Both continued to tell me that they planned to die in their home. As their daughter who lived 1800 miles away, I experienced despair, concern, and frustration with their lack of a plan. My sister who lived near them was witnessing erratic driving, and significant memory loss and was called several times by my mother to look for our stepdad in a Walmart parking lot because he sometimes fell asleep in the car - 110 degrees outside! They denied any problems with driving and insisted they were fine.
In the fall of 2021, my mother had a series of strokes and eventually returned home to die under hospice care. A month after my mom died, my stepfather fell outside and was unconscious for an unknown length of time until his neighbor found him. Six weeks later, his medical team said he could no longer drive or live on his own. We had no access or finances for a full-time caregiver and he refused to consider assisted living so he moved to the East Coast to live with his daughter. He is miserable there but it was the only option he had.
Sue, I can imagine how stressful this time was for you. While I am not looking for a culprit, one can easily see in retrospect that all of the issues of aging are nearly totally ignored in this country. At least for anyone with limited funds, which is most of the population. We need more education.
Think about dementia as an example. Where is the formal education about dementia in our society? Who is teaching young people as well as adults about the various ways that the different types of dementia develops and what it is like for the person who has it. We have 100s of thousands of people living on their own in this country who have dementia, and no one is talking about how to interact with them, much less to consider that a person may have dementia, say at the checkout counter or crossing the street, as an examples. I think of the bus driver having to leave a person, that maybe should not be left on his or her own at a bus stop. Dementia is a difficult topic, but ignoring it is not the answer.

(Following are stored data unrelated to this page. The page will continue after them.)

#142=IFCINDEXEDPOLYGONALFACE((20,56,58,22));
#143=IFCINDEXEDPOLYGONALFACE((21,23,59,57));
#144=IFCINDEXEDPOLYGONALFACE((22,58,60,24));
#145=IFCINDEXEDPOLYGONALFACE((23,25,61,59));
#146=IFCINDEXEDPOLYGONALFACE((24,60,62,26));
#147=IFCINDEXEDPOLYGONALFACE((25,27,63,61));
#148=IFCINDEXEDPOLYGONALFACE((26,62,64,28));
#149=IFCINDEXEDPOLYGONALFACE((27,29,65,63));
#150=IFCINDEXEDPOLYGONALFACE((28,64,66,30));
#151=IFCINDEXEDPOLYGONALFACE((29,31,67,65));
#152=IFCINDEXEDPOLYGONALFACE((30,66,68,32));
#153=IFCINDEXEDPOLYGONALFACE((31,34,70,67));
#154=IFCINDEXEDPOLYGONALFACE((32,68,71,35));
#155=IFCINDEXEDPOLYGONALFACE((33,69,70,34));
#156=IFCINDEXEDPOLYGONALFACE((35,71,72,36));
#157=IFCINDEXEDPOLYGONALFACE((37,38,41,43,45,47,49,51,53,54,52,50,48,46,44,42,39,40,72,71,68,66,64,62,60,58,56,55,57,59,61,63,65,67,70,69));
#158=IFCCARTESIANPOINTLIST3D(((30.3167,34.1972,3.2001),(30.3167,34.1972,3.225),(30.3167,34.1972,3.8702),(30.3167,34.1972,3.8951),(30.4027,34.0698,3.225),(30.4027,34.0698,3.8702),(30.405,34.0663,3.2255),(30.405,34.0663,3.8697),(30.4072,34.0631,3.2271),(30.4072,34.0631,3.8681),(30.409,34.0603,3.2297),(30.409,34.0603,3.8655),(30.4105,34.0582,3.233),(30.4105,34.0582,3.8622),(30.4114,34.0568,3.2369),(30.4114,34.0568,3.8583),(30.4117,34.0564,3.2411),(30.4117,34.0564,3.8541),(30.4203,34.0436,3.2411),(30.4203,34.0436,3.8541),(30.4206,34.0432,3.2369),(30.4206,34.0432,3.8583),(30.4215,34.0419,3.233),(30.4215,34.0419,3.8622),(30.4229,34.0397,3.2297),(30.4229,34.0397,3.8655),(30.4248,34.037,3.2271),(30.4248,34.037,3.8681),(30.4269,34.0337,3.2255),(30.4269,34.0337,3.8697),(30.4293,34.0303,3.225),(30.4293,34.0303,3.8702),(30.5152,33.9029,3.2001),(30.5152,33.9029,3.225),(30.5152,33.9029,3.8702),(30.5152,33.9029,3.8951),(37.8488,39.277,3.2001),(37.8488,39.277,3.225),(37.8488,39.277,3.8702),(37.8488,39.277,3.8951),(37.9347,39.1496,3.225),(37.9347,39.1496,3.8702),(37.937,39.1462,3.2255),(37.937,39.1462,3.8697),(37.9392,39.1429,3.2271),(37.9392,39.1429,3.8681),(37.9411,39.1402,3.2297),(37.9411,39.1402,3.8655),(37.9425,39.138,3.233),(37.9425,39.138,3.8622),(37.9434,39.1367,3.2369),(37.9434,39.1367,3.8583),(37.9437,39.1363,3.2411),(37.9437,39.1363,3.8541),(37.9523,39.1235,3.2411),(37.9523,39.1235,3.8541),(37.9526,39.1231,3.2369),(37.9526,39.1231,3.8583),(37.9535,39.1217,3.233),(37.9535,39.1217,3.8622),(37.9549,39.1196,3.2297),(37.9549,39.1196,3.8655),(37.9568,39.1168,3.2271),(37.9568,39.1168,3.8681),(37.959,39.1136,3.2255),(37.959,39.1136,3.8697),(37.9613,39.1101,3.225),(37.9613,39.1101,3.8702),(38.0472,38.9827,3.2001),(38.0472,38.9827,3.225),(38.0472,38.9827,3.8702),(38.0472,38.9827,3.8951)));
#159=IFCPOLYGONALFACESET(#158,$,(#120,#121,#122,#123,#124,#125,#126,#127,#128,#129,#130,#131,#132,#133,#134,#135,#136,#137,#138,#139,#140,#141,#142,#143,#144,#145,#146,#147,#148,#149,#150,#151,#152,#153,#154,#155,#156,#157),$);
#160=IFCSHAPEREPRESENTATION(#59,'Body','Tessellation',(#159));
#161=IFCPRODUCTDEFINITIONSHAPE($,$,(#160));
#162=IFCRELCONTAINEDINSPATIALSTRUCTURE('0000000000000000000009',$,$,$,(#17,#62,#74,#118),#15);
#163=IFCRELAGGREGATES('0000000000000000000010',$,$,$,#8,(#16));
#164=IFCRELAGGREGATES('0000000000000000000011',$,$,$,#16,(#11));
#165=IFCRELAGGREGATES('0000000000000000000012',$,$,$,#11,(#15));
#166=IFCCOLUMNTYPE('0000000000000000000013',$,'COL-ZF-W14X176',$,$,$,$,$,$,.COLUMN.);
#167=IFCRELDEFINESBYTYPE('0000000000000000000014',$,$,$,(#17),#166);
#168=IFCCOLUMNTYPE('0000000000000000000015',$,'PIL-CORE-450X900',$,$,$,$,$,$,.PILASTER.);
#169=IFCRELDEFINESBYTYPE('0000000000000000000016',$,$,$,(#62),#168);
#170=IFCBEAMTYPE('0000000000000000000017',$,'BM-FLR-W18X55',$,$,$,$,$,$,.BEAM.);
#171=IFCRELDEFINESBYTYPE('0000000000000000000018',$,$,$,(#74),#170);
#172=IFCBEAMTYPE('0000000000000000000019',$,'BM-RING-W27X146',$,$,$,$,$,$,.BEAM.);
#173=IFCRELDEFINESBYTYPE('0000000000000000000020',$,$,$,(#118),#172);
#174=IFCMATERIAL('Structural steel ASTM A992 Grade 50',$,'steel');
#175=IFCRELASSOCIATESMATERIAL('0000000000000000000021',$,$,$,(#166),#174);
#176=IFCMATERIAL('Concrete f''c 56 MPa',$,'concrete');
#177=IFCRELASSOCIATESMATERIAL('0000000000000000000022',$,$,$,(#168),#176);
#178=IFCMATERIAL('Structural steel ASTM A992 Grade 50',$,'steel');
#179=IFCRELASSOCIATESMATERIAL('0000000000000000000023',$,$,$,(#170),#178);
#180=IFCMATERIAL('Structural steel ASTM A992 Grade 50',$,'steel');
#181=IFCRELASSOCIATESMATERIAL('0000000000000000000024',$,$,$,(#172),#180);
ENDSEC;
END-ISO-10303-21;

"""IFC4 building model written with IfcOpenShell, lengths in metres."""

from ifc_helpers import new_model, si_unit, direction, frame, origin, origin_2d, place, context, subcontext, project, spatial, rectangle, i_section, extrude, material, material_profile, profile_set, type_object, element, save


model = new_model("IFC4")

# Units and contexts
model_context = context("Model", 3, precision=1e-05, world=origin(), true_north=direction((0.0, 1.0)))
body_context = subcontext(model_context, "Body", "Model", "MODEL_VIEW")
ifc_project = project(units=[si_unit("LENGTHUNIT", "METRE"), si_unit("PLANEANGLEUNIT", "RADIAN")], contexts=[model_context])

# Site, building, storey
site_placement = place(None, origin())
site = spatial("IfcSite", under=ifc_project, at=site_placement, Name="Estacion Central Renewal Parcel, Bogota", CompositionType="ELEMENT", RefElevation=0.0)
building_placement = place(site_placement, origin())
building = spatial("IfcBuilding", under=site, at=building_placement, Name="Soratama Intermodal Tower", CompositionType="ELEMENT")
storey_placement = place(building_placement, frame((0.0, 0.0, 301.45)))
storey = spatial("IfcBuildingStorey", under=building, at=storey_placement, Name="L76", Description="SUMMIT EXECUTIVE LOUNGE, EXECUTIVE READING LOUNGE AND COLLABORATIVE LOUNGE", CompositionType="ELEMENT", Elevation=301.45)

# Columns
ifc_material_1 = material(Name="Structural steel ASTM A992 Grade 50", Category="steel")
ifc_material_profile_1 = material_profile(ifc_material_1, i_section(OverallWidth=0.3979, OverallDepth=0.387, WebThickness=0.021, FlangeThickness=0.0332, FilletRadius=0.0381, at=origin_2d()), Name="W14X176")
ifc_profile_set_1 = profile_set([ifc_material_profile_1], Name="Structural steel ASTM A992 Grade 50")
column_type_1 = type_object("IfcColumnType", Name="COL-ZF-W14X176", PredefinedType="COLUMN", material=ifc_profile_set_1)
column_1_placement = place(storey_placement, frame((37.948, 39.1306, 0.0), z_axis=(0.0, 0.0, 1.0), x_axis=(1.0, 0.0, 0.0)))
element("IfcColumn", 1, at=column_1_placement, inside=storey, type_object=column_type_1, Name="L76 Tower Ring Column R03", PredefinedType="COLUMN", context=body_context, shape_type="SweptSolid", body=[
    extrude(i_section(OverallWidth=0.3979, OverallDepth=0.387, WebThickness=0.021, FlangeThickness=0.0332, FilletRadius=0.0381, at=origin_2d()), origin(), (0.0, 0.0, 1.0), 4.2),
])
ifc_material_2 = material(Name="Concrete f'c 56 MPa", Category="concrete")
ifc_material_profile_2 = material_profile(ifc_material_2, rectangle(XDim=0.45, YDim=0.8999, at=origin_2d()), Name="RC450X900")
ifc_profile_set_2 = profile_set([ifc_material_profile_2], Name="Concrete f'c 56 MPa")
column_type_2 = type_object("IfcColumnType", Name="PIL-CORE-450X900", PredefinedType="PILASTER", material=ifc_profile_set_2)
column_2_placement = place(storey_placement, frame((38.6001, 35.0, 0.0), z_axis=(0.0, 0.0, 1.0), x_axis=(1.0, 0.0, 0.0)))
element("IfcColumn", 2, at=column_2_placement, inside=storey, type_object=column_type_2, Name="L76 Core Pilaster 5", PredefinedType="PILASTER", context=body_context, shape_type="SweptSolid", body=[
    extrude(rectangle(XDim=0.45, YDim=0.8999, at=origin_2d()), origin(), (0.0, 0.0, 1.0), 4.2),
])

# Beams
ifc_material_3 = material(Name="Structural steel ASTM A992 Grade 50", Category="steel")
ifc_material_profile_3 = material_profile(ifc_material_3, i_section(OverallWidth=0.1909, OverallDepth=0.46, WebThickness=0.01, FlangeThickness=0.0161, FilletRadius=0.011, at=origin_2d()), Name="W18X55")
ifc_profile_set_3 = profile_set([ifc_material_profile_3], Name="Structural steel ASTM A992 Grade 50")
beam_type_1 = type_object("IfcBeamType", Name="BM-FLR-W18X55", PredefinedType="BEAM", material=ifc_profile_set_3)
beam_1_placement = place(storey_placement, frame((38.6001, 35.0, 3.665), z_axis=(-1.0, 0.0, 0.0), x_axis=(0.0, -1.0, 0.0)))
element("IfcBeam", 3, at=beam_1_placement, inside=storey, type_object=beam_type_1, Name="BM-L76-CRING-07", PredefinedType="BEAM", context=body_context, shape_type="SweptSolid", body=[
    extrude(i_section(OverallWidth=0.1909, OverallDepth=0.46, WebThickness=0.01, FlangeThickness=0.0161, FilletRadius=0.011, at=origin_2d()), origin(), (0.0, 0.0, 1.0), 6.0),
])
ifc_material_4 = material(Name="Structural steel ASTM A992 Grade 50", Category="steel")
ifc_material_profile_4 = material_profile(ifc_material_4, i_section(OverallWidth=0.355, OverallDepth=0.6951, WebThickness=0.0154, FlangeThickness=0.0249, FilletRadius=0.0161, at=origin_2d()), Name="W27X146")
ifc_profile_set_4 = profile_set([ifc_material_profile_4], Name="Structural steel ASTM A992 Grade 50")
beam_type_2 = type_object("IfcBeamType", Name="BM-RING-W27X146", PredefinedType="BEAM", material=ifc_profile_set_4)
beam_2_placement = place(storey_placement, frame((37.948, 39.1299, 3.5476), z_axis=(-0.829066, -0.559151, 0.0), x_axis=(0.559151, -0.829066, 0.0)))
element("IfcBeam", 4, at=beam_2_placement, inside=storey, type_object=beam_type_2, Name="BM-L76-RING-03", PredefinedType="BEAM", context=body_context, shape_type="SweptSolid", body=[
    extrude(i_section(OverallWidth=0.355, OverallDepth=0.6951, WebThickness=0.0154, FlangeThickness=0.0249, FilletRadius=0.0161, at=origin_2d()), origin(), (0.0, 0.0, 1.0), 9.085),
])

I was lucky in that, while both of my parents needed 24/7 in their later years, they mostly were happy and rather easy to care for. This is not true of all people who have dementia. Family members can be oblivious to what is really going on. We were lucky to have some excellent caregivers. Though I could only afford to have them stay with dad for one overnight a week, I really lucked out in finding a good service. Two of these caregivers were wonderful and helped me, as much as they helped my dad! They taught me things like agreeing with him on almost any and everything when he brought up a difficult topic, like buying a new car. This topic always scared me. The caregivers helped me see that he would soon forget about anything we said, if I agreed with him. So, when he brought the topic up, I would ask what type of car he wanted, or what color? Soon we would move on to some other topic. It was like magic! Of course we would repeat this scenario many, many times but at least neither he or I would be left feeling worried or angry. The caregivers also taught me to drop the word 'remember' when talking with either of my parents. On the other hand, I needed to 'remember' that it was not their fault that they could not remember that they were repeating a conversation we had just had a short time earlier or, the name of the lady who lived next door. In a very real way, it helped to think of talking with a toddler who might not be able to remember such things. The caregivers assured me that difficulties between siblings was very common. And also, that caregiving by a family member was often more difficult, than for an outsider. We family members have soooo many buttons to be pushed, leading to hurt feelings and worse. And it is so hard to keep up to speed on how your parents are changing right before your eyes. This is just some of what I had to learn along the way of caring for my parents.